For most people this would be a nonstarter for any conversation, and for many, it was. Twitter responses directed at Phelps-Roper were typically filled with scorn and loathing. But through the noise, some conversations took shape. Phelps-Roper and a few of her detractors began to have open, civil conversations about their opposing beliefs.

“There was no confusion about our positions, but the line between friend and foe was becoming blurred,” she said during her TED talk. “We’d started to see each other as human beings, and it changed the way we spoke to one another.”

Thanks to her conversations with her cultural “enemies,” she left Westboro in 2012. Today, she speaks publicly on the power of conversations to overcome divisions.

“My friends on Twitter didn’t abandon their beliefs or their principles — only their scorn,” Phelps-Roper said. “They channeled their infinitely justifiable offense and came to me with pointed questions tempered with kindness and humor. They approached me as a human being, and that was more transformative than two full decades of outrage, disdain, and violence.”

Understanding what tolerance means in a highly polarized America
The power of conversations

Of course, there are many unsung heroes whose quiet efforts have made this world a better, less divisive place, and we should celebrate them where we find them. As Sarah Ruger, Director of Free Speech Initiatives at the Charles Koch Institute, argues:

“How can we promote a culture of openness in society that makes us, as individuals, receptive to engaging with even the most deplorable views with the goal of changing them?
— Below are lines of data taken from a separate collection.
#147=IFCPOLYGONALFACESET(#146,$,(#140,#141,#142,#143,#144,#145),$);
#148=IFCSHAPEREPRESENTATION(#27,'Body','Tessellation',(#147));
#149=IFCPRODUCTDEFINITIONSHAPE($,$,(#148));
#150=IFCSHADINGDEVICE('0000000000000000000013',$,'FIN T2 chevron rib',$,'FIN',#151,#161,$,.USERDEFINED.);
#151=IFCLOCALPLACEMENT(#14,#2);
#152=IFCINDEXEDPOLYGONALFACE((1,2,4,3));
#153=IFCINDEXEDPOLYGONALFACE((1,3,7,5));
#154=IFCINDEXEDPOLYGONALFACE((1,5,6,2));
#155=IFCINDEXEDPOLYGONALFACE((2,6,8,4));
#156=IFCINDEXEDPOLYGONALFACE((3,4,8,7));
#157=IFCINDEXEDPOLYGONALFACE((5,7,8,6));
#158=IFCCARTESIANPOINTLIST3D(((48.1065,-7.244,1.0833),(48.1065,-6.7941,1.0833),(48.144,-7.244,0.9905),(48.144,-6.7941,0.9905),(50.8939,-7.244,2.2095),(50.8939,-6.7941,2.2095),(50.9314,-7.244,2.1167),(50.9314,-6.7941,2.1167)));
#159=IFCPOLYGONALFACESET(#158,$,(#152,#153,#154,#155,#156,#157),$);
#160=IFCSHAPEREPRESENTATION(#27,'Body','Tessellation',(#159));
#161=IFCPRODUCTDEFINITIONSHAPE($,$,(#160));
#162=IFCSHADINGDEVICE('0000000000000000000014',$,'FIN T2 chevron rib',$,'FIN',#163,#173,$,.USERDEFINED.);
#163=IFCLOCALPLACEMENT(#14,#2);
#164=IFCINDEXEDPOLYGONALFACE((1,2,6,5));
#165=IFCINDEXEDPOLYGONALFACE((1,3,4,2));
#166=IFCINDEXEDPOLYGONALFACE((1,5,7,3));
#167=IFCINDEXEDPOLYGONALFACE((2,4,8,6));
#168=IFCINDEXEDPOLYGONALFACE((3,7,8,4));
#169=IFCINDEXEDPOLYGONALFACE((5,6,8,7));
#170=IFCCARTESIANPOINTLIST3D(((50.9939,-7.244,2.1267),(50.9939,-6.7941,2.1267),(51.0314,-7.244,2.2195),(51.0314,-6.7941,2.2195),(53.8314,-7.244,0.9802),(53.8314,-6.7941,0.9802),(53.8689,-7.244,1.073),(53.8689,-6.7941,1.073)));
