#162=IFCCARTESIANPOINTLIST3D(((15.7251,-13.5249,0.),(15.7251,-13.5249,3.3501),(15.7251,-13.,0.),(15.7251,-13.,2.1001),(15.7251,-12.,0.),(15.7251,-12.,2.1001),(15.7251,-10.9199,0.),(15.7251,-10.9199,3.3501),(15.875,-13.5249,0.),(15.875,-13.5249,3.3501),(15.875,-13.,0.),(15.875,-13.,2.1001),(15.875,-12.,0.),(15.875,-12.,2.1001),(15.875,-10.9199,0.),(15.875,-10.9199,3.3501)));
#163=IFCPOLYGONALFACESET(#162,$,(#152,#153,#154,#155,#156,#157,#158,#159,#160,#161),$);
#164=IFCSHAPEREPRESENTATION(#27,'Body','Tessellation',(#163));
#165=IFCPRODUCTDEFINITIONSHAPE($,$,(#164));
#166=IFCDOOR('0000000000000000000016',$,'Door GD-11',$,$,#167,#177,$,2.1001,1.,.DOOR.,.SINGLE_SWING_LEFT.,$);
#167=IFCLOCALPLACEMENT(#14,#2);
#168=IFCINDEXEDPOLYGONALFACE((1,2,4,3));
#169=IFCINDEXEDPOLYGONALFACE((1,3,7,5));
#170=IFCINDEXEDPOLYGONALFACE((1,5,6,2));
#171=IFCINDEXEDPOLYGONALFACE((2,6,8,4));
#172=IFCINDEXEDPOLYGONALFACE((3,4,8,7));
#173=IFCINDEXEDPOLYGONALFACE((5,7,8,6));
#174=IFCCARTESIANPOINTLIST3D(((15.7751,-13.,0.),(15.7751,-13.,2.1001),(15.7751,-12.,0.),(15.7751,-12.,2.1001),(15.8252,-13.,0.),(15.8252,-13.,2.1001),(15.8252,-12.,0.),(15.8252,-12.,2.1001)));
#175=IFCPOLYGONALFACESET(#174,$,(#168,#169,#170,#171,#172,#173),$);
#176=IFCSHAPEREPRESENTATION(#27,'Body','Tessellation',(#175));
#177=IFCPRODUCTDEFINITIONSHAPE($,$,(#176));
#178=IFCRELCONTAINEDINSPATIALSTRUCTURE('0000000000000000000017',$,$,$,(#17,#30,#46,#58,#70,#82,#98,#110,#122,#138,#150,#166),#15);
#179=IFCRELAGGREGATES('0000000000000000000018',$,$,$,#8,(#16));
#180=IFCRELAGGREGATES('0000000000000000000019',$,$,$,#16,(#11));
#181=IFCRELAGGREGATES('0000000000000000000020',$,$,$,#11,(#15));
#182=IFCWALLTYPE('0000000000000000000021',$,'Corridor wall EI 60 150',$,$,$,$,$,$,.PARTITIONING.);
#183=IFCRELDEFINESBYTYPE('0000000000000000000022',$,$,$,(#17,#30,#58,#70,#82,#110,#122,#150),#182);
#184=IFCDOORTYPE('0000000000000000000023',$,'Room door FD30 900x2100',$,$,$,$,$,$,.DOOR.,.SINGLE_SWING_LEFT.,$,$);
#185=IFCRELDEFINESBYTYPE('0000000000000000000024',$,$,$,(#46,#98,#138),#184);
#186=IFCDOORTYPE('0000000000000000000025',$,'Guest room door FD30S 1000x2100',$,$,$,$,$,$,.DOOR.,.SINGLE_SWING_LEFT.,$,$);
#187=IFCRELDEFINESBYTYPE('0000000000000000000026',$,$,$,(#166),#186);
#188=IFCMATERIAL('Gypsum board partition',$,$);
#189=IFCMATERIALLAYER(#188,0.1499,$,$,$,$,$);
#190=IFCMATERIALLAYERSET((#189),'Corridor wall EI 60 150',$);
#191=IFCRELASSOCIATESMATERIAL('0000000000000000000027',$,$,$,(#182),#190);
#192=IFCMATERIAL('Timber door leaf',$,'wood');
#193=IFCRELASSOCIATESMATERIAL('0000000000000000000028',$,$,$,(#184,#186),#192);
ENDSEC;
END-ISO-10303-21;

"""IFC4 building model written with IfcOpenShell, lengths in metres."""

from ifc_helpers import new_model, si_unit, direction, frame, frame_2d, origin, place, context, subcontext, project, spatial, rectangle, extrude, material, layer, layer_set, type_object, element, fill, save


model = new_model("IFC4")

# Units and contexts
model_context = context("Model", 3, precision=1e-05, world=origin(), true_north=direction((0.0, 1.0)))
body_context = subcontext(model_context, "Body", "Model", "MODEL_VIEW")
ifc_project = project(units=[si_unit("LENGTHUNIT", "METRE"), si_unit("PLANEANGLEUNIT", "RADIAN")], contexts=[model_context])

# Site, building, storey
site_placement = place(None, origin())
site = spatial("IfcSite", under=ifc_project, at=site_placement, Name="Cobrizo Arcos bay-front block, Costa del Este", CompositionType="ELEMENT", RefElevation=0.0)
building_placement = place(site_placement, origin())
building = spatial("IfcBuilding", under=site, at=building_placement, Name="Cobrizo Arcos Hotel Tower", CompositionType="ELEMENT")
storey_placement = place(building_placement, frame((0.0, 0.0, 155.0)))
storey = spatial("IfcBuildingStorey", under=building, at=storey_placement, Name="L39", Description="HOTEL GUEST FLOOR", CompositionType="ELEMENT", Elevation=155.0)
At the end of the day I’m a John Stuart Mill nerd; I think nothing but good things happen when you engage with ideas with which you disagree. You either learn how to better defend your position, maybe you move closer to truth, maybe you persuade the other of a given view, but either way you’ve all learned something and been made better by that encounter.”

These three people show us the truth of John Stuart Mill’s belief. Engaging and debating with ideas we find wrongheaded or deplorable can not only help our society overcome division, but make us a stronger, more cohesive whole.